Mitigating Failures when Running Redis
Mitigating Cluster Failures
Redis Append Only Files (AOF)
enable AOF so whenever data is written to the Redis cluster, a corresponding transaction record is written to a Redis AOF
When Redis process restarts, ElastiCache creates a replacement cluster and provisions it and repopulating it with data from AOF.
AOF can get big and cannot protect you from all failure scenarios.
Redis Replication Groups
A Redis replication group is comprised of a single primary cluster which your application can both read from and write to, and from 1 to 5 read-only replica clusters.
When a Read Replica fails, ElastiCache detects the failure, replaces the instance in the same AZ and synchronizes with the Primary Cluster.
Redis Multi-AZ with Automatic Failover, ElastiCache detects Primary cluster failure, promotes a read replica with least replication lag to primary.
Multi-AZ with Auto Failover is disabled, ElastiCache detects Primary cluster failure, creates a new one and syncs the new Primary with one of the existing replicas
Mitigating Availability Zone Failures
locate the clusters in as many availability zones as possible
Lazy loading
As the name implies, lazy loading is a caching strategy that loads data into the cache only when necessary.
The advantages of lazy loading are as follows:
Only requested data is cached.
Node failures aren't fatal for your application.

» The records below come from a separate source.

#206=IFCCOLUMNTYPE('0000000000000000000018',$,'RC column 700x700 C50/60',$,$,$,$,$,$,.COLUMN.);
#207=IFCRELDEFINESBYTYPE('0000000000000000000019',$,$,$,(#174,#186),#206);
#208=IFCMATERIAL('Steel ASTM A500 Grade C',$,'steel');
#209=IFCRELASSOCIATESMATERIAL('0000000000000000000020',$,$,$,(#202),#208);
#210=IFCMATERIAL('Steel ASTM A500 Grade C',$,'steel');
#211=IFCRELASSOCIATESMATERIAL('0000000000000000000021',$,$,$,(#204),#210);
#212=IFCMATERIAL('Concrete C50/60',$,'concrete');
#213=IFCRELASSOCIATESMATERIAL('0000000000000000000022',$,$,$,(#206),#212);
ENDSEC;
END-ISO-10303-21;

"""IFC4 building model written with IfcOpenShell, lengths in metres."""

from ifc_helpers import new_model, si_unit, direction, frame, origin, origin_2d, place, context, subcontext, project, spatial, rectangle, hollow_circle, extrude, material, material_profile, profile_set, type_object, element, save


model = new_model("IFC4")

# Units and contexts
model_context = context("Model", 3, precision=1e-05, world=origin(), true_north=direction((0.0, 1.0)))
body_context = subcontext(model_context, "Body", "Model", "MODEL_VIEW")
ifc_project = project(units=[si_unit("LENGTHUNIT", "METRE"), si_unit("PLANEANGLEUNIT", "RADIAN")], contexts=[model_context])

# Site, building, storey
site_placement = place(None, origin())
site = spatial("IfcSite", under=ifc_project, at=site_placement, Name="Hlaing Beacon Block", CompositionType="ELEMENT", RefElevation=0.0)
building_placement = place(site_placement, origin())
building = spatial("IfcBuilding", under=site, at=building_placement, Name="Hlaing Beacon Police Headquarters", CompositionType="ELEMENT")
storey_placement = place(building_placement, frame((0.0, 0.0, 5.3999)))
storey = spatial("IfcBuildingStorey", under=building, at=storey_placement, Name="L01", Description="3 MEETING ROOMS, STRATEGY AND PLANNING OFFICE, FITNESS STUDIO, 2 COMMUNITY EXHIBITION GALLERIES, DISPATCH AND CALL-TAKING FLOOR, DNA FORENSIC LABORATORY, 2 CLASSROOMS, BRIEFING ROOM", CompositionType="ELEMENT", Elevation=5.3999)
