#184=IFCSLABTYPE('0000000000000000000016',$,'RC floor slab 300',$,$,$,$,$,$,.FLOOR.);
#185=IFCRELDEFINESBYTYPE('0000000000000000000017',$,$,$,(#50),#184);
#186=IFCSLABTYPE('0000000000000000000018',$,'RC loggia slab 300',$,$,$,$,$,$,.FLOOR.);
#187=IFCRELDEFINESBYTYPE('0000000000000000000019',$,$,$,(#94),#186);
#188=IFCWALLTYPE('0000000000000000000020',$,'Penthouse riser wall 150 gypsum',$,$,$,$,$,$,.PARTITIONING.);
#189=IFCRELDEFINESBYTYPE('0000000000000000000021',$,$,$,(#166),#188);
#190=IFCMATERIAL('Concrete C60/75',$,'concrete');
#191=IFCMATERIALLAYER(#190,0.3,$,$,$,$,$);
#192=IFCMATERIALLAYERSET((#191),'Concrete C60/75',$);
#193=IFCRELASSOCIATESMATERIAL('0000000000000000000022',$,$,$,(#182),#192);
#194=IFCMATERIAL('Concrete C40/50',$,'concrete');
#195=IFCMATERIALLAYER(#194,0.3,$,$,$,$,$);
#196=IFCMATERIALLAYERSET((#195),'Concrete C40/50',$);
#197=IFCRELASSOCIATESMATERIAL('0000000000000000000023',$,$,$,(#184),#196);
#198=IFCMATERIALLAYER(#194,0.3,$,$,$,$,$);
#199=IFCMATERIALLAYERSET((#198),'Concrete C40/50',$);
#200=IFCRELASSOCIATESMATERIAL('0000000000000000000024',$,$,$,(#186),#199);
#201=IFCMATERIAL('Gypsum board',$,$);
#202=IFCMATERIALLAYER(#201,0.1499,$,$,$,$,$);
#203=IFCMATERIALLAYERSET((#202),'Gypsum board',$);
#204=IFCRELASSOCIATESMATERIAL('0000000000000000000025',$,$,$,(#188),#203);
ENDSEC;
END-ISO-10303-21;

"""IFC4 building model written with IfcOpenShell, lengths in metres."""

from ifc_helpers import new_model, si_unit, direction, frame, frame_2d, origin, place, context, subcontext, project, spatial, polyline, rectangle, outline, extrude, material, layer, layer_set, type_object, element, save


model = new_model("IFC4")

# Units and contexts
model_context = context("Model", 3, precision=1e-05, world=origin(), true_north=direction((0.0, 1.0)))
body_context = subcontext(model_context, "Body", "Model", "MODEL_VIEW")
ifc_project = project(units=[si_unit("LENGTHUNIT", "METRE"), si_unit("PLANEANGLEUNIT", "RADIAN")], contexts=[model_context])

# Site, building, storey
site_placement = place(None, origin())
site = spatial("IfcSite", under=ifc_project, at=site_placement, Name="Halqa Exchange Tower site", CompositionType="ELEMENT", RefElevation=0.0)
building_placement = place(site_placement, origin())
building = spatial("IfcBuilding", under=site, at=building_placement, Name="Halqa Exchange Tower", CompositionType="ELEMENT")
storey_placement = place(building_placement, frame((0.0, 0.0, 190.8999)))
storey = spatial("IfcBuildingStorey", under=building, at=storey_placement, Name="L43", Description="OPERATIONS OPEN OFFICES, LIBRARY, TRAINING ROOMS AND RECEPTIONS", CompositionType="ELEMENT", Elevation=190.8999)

The disadvantages of lazy loading are as follows:
There is a cache miss penalty.
Initial request for data from the cache
Query of the database for the data
Writing the data to the cache
Stale data.
Write-through
The advantages of write-through are as follows:
Data in the cache is never stale.
Write penalty vs. read penalty.
The disadvantages of write-through are as follows:
Missing data.
If you spin up a new node, whether due to a node failure or scaling out, there is missing data.
Cache churn.
Most data is never read, which is a waste of resources.